I have a premier and I am seeing the same. I get cable from comcast.


----------



## CuriousMark (Jan 13, 2005)

JoeG said:


> My Tivo is a Philips HDR312 Series 1 stand-alone, not a DirectTV unit.


I edited my post to be more clear. I understand that we are not discussing DirecTV DVRs with TiVo service. Guide data is dependent on the signal source and if cable, the location. If we are to attempt to find a common cause, that is information that we need to share.


----------



## CuriousMark (Jan 13, 2005)

bryan4980 said:


> I have a premier and I am seeing the same. I get cable from comcast.


Ok, we can rule out satellite based guide data and rule out that it is strictly limited to SD boxes. So now we are narrowed to the TiVo Service or their guide data provider Tribune Media Services.


----------



## taronga (Nov 16, 2006)

My S2DT was doing the same last week. It was set up for analog cable + Dish Network. I redid guided setup, removing satellite, and I get the full 13ish days again. 

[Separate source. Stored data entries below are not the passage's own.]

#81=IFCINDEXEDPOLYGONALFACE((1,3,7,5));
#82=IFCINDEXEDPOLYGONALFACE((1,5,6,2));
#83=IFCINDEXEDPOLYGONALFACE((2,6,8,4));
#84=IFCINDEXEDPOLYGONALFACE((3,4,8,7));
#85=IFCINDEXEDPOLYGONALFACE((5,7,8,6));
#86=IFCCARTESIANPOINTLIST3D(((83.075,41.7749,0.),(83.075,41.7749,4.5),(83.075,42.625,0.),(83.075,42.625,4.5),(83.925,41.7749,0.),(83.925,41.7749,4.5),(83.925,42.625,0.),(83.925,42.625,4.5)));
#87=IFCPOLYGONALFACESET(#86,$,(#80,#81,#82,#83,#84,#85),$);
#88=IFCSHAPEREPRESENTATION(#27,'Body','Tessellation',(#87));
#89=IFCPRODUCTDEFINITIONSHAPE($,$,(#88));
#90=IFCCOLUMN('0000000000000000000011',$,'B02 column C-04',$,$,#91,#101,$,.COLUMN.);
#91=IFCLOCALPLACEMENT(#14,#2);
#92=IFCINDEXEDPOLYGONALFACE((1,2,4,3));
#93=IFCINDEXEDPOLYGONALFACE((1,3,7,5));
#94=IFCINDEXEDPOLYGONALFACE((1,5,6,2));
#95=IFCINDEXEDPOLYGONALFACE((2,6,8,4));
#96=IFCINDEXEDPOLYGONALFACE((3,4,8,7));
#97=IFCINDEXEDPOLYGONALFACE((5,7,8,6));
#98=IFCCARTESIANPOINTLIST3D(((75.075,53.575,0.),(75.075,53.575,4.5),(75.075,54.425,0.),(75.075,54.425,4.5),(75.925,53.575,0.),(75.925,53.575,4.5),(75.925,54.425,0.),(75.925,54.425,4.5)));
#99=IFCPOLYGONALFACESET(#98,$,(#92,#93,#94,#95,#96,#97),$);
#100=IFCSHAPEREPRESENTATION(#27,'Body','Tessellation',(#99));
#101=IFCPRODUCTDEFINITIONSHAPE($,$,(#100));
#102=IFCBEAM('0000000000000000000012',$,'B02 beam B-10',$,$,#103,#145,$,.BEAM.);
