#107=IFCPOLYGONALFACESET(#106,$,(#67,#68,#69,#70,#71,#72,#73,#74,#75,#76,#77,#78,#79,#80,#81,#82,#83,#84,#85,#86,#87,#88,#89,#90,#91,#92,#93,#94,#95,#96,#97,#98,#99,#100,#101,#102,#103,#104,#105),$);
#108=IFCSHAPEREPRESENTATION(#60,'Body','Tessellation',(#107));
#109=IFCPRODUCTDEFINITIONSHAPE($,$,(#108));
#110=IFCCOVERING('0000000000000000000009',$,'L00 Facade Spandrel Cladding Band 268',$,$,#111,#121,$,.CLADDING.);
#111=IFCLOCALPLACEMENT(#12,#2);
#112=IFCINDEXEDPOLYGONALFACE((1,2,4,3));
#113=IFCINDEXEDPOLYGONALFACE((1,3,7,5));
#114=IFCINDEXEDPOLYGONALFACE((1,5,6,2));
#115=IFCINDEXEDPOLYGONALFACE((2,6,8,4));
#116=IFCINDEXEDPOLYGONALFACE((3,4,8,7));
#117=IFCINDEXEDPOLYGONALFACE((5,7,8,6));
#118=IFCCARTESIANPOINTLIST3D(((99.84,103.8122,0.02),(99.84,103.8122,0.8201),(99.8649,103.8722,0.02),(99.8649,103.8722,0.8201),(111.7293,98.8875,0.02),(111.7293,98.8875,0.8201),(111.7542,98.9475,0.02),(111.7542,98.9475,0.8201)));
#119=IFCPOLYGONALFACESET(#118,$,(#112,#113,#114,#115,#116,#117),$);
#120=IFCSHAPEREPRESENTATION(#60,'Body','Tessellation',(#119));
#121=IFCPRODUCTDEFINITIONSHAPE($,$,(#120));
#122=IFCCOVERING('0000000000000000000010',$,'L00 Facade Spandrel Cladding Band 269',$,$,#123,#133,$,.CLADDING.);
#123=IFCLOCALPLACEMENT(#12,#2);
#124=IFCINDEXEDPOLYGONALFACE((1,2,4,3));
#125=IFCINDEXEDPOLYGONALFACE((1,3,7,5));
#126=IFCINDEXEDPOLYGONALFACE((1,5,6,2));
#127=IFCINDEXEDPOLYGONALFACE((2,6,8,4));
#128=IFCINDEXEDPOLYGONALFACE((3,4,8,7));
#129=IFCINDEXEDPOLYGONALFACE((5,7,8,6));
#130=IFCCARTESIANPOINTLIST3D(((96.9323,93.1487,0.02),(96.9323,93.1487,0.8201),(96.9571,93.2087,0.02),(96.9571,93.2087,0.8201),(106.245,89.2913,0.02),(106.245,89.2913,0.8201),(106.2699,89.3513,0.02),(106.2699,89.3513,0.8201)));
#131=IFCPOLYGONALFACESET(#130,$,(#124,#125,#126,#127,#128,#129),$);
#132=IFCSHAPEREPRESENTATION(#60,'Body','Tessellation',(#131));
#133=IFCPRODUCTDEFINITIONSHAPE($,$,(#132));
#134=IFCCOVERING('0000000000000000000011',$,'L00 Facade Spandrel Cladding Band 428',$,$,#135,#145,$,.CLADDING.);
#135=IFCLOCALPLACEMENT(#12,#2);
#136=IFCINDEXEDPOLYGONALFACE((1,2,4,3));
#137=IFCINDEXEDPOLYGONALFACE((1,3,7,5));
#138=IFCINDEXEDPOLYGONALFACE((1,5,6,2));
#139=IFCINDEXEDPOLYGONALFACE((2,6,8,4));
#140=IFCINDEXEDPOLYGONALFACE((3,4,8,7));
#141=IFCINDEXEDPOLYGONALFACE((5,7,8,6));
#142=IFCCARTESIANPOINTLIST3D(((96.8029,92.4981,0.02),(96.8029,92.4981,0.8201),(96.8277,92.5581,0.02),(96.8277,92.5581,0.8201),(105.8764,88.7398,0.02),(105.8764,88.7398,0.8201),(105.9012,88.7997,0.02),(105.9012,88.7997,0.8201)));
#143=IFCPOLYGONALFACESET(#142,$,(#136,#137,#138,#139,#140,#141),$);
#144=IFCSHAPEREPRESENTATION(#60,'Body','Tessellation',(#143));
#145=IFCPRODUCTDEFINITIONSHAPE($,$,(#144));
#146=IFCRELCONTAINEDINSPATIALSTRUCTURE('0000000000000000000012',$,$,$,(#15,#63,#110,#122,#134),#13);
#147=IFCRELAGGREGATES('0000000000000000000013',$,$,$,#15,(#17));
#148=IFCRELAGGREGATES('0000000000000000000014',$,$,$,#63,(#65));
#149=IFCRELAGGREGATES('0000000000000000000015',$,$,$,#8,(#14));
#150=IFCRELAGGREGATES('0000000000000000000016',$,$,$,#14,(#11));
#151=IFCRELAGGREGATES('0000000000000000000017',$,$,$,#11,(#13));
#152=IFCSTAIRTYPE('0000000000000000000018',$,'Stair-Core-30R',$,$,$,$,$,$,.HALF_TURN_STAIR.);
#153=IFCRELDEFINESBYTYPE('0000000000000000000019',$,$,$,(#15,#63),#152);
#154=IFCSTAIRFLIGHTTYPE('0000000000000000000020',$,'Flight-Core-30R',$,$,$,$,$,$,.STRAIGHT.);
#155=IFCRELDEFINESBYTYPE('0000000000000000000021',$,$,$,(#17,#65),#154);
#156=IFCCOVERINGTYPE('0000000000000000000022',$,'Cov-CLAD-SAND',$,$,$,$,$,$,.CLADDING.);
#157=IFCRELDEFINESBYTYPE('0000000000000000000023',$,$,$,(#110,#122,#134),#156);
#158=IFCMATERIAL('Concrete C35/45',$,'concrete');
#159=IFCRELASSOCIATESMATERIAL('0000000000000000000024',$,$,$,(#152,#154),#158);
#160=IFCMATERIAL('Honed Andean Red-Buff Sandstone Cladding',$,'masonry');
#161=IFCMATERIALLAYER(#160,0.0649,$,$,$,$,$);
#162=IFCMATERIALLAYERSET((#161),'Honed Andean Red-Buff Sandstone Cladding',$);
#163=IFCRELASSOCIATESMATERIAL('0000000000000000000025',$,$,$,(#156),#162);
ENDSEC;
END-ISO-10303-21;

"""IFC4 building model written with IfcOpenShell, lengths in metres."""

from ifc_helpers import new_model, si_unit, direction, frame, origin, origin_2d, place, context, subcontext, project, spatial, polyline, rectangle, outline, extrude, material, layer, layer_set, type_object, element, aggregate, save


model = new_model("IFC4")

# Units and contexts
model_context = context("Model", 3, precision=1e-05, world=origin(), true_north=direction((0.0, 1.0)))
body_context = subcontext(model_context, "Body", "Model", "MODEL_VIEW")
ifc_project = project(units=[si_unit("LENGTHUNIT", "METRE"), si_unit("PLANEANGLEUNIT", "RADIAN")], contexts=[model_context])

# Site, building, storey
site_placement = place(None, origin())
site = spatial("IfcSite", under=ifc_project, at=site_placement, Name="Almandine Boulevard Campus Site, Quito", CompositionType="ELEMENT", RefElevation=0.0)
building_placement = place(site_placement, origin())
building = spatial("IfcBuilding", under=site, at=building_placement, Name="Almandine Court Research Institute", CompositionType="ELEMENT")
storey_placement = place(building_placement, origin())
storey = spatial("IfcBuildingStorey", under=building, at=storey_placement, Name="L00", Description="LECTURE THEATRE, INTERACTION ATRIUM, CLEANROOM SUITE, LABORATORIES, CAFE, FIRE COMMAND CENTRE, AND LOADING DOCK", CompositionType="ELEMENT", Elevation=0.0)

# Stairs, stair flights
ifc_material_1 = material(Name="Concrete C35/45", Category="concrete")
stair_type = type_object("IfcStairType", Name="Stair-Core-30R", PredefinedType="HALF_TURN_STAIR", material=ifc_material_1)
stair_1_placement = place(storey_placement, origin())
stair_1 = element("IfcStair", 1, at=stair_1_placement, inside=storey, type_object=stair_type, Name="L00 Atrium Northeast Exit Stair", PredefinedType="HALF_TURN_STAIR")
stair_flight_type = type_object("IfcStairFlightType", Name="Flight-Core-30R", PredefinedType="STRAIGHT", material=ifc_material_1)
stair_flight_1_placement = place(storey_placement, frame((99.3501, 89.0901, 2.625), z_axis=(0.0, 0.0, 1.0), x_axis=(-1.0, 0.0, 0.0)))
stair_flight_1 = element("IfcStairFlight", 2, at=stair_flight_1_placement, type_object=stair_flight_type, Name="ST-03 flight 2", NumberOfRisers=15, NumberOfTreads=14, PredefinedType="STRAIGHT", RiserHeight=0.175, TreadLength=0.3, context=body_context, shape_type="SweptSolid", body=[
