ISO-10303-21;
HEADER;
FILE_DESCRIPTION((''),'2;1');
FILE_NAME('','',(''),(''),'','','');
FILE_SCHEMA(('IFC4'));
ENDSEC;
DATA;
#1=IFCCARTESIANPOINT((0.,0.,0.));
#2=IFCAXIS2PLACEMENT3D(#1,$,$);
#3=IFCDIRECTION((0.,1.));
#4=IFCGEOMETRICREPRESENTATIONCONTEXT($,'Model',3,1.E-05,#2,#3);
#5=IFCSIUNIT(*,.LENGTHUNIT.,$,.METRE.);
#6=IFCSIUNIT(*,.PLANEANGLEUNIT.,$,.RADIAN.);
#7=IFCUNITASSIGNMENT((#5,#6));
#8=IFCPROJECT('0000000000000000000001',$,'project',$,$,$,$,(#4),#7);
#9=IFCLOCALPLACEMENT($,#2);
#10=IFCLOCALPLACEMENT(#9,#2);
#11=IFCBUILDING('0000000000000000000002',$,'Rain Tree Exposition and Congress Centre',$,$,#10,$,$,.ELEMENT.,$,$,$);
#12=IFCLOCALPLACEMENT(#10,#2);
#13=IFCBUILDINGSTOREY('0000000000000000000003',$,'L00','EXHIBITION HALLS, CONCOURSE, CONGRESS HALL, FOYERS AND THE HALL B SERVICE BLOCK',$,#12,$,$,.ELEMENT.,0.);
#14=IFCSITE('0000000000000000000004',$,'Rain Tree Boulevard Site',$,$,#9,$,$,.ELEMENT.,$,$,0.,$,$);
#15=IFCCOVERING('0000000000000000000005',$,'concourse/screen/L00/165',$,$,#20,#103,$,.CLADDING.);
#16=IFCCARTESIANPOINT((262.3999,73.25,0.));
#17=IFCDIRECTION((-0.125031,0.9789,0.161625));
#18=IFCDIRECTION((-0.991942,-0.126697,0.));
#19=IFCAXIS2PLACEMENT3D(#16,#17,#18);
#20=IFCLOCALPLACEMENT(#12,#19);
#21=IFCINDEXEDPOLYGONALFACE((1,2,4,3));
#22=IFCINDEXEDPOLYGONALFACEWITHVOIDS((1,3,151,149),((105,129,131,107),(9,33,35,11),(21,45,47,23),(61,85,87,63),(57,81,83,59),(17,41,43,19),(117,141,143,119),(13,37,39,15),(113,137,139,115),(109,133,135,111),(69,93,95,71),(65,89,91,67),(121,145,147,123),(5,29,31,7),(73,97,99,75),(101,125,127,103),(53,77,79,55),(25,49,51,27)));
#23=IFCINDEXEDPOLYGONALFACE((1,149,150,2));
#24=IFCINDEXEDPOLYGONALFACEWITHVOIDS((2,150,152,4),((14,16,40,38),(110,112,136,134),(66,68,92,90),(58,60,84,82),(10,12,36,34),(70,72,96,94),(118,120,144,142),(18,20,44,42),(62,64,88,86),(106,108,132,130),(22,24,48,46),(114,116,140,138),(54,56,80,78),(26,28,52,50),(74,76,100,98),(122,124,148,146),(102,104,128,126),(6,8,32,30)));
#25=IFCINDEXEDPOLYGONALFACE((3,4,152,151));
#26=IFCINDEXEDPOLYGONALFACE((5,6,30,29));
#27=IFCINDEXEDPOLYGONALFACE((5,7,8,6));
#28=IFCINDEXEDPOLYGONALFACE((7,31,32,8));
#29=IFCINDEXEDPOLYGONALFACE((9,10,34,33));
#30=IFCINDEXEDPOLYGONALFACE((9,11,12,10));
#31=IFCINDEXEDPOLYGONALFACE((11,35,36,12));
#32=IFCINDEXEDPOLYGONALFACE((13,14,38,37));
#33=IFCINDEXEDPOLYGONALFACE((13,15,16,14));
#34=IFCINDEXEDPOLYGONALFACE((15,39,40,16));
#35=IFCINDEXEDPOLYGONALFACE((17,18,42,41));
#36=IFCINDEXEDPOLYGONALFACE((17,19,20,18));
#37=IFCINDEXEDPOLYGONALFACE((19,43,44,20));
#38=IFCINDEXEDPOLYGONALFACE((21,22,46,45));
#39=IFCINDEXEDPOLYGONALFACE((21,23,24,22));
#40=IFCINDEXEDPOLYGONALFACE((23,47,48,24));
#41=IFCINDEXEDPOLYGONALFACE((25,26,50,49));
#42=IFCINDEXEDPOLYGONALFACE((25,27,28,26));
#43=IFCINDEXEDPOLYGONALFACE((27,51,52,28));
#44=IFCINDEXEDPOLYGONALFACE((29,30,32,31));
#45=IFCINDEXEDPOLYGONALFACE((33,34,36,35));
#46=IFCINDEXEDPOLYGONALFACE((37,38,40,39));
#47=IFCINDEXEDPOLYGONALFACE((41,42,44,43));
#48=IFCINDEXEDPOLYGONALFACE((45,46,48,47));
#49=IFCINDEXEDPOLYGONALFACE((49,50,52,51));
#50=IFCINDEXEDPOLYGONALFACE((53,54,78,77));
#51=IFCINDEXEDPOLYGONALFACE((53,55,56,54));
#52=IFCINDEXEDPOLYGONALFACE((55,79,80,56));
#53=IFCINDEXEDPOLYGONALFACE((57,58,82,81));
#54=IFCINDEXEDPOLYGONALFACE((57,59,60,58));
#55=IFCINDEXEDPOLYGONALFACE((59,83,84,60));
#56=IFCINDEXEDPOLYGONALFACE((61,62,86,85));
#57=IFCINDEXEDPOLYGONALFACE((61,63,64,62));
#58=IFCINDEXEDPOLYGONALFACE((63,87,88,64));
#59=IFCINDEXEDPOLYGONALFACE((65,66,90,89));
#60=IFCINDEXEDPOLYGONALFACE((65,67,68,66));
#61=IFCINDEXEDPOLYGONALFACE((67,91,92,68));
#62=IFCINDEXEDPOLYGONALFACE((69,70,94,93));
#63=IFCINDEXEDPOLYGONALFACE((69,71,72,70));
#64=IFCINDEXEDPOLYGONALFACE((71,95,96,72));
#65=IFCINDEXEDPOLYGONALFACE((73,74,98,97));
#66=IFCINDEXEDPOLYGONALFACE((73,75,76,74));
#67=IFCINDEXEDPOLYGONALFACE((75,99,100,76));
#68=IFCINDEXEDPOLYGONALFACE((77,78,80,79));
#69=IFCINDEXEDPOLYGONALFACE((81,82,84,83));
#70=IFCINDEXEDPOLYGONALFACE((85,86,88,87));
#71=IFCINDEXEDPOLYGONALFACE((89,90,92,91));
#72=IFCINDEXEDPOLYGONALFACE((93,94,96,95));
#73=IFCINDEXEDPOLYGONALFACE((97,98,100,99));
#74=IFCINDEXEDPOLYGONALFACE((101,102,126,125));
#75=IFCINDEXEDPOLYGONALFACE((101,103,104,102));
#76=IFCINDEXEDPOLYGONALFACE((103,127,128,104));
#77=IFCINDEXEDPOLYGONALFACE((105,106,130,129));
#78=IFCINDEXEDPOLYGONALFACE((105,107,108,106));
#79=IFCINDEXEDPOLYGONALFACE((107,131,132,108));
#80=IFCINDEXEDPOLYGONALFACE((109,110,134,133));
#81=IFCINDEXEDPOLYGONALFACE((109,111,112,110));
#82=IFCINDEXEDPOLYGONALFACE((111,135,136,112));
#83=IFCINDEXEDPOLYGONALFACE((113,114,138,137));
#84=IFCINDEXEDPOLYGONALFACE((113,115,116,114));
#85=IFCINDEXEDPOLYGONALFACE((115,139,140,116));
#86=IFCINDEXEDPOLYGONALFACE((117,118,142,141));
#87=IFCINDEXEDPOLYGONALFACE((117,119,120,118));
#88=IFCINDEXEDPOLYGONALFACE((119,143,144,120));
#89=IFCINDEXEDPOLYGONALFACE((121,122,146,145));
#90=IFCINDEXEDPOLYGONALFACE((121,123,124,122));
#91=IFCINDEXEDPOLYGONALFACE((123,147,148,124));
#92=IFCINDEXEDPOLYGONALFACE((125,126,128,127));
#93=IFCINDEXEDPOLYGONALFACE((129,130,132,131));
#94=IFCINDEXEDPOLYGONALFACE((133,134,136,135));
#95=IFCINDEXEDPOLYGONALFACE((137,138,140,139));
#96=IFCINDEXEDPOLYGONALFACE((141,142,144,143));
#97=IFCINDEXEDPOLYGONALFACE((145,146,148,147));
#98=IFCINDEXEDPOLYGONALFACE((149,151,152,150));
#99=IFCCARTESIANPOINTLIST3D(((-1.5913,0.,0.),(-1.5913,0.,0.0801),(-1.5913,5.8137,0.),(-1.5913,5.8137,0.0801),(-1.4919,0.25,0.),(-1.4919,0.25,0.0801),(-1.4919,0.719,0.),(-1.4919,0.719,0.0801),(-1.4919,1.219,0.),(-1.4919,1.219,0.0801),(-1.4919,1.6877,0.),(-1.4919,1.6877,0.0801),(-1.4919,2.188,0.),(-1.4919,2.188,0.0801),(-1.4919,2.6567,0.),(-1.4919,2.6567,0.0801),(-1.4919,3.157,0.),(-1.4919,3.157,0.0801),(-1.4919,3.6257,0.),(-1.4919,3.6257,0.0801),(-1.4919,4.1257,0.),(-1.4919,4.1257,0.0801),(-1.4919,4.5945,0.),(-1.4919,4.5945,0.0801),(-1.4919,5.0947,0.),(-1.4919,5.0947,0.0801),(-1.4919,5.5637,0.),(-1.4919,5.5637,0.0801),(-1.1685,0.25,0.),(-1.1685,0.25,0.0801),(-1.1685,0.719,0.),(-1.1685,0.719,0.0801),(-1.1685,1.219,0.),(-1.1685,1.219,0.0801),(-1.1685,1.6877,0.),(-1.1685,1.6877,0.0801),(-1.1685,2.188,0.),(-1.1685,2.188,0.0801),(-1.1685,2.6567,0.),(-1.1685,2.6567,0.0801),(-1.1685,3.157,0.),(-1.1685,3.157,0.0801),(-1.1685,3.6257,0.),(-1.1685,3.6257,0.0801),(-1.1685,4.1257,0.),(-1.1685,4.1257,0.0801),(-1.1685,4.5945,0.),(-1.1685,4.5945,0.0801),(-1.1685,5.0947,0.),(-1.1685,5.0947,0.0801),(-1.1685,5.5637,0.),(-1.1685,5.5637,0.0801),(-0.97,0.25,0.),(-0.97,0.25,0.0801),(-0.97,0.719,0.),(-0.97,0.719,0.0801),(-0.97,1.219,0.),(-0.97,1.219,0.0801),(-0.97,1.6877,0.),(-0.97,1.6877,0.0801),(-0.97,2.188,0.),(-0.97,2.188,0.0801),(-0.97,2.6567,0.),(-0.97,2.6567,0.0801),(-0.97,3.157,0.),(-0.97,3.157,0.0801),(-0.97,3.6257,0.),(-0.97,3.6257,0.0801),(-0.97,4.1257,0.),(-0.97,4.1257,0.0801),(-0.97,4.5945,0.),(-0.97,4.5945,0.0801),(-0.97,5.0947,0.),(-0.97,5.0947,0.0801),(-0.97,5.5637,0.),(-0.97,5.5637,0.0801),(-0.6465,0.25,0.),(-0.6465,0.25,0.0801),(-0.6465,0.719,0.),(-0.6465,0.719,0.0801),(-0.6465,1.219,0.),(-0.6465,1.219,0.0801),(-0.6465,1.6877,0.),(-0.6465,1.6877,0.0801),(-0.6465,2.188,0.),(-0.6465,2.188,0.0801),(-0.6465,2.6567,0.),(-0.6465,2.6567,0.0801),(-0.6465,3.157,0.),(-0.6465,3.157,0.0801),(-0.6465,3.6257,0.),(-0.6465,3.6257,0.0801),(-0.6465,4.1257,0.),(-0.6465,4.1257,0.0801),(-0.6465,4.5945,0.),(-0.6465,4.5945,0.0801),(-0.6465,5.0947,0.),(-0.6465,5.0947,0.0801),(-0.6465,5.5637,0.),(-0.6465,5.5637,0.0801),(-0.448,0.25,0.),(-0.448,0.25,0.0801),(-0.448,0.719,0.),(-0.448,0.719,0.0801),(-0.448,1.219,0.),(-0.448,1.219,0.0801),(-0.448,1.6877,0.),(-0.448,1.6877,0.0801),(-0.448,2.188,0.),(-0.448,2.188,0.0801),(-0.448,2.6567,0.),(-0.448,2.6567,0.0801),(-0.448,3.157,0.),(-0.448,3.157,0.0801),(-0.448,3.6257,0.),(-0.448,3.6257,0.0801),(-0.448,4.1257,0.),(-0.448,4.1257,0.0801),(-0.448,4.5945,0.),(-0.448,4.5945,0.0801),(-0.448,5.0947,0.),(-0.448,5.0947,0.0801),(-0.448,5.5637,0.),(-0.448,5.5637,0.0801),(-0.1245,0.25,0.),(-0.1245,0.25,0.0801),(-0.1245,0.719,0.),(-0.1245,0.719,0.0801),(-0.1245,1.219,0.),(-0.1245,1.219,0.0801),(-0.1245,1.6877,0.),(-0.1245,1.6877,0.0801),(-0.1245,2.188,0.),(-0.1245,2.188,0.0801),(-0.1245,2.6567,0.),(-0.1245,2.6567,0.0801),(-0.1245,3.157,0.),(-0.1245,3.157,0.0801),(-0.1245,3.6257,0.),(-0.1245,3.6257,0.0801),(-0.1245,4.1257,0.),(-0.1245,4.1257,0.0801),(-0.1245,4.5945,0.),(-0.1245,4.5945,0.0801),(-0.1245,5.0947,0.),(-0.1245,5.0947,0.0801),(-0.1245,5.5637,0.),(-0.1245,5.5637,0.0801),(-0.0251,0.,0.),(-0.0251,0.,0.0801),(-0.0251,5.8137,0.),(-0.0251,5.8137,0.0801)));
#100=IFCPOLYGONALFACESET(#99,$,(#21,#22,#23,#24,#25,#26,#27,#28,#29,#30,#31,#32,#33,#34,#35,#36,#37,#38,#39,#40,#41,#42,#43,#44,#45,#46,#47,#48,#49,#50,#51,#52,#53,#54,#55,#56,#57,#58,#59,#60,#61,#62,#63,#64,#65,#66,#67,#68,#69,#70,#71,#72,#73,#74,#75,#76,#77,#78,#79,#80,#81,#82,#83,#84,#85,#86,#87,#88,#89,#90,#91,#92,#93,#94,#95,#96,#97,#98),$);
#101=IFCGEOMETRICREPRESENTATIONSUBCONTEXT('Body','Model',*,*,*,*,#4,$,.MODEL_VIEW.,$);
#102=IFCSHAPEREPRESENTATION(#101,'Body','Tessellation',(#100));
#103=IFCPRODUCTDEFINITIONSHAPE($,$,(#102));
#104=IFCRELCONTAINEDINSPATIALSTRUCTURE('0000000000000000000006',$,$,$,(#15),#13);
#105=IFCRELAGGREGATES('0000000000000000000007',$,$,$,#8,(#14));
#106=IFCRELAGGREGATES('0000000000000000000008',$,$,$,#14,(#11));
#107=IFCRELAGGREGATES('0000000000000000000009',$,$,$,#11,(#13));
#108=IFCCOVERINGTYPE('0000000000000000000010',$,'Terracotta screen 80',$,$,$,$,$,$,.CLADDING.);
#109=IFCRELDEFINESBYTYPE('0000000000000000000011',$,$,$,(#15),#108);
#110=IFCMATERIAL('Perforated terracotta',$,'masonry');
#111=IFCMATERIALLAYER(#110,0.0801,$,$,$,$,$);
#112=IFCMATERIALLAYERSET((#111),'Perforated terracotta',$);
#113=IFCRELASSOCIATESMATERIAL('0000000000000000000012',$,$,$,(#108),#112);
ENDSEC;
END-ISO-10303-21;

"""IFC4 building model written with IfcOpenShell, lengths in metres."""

from ifc_helpers import new_model, si_unit, direction, frame, origin, place, context, subcontext, project, spatial, polyline, outline, extrude, material, layer, layer_set, type_object, element, save


model = new_model("IFC4")

# Units and contexts
model_context = context("Model", 3, precision=1e-05, world=origin(), true_north=direction((0.0, 1.0)))
body_context = subcontext(model_context, "Body", "Model", "MODEL_VIEW")
ifc_project = project(units=[si_unit("LENGTHUNIT", "METRE"), si_unit("PLANEANGLEUNIT", "RADIAN")], contexts=[model_context])

# Site, building, storey
site_placement = place(None, origin())
site = spatial("IfcSite", under=ifc_project, at=site_placement, Name="Rain Tree Boulevard Site", CompositionType="ELEMENT", RefElevation=0.0)
building_placement = place(site_placement, origin())
building = spatial("IfcBuilding", under=site, at=building_placement, Name="Rain Tree Exposition and Congress Centre", CompositionType="ELEMENT")
storey_placement = place(building_placement, origin())
storey = spatial("IfcBuildingStorey", under=building, at=storey_placement, Name="L00", Description="EXHIBITION HALLS, CONCOURSE, CONGRESS HALL, FOYERS AND THE HALL B SERVICE BLOCK", CompositionType="ELEMENT", Elevation=0.0)

# Covering
ifc_material_1 = material(Name="Perforated terracotta", Category="masonry")
ifc_layer_1 = layer(ifc_material_1, 0.0801)
ifc_layer_set_1 = layer_set([ifc_layer_1], Name="Perforated terracotta")
covering_type = type_object("IfcCoveringType", Name="Terracotta screen 80", PredefinedType="CLADDING", material=ifc_layer_set_1)
covering_1_placement = place(storey_placement, frame((262.3999, 73.25, 0.0), z_axis=(-0.125031, 0.9789, 0.161625), x_axis=(-0.991942, -0.126697, 0.0)))
element("IfcCovering", 1, at=covering_1_placement, inside=storey, type_object=covering_type, Name="concourse/screen/L00/165", PredefinedType="CLADDING", context=body_context, shape_type="SweptSolid", body=[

Incidentally, I never had Dish. It was a bit of a hack in order to record OTA through a converter box, but it was more trouble than it was worth.


----------



## nmiller855 (Sep 26, 2000)

Have y'all tried unplugging it & waiting a couple of minutes before plugging it back in? That usually works for me. It will take a few hours to refill the guide.


----------



## JoeG (Jul 3, 2004)

Mine is configured for "cable and satellite" so that I can receive both Comcast cable (s-video) and local OTA from my OTA receiver (coaxial). The Tivo thinks the satellite is "Sky Angel USA National", which was a random pick on my part. It has been configured that way for almost a year.


----------



## medley32 (Jan 15, 2002)

Only have 7 myself. Thought it was an issue with my box, but sounds like it could be a network wide problem. Just noticed the issue today when I got the "only 7 days of guide data" warning. Turns out I had made a successful daily call yesterday. So not sure what's going on. Are all series one stand alones having this problem?


----------



## JoeG (Jul 3, 2004)

I received a reply from Tivo customer service:



> 3/17/2012 09:10 AM
> Thank you for contacting Tivo Customer Support. We're here to help! We definitely apologize for the troubles you've had with downloading enough program information on your Tivo box. I'm sure these error messages have been frustrating for you. Lineups for DirecTV and Dish Network have been reduced from two weeks to 8-9 days of Program Guide Data. This was done to resolve Series 1 and Series 2 boxes using these lineups from experiencing loading errors during the connection. We had to make this change so the boxes can continue to successfully connect to the service. Due to the size of DirecTV and Dish lineups, if left at two weeks, it may have prevented the box from loading any Program Guide Data, and we were already seeing this happening on some boxes.
> 
> However, we've had many reports of customers receiving this warning message after the change and are actively working to correct this constant reminder that you have less program information. I have added your boxes to the list of affected unit. Rest assured we will have this fixed for you soon. Please let us know if there is anything else we can do for you. Thank you for choosing Tivo and have a great day!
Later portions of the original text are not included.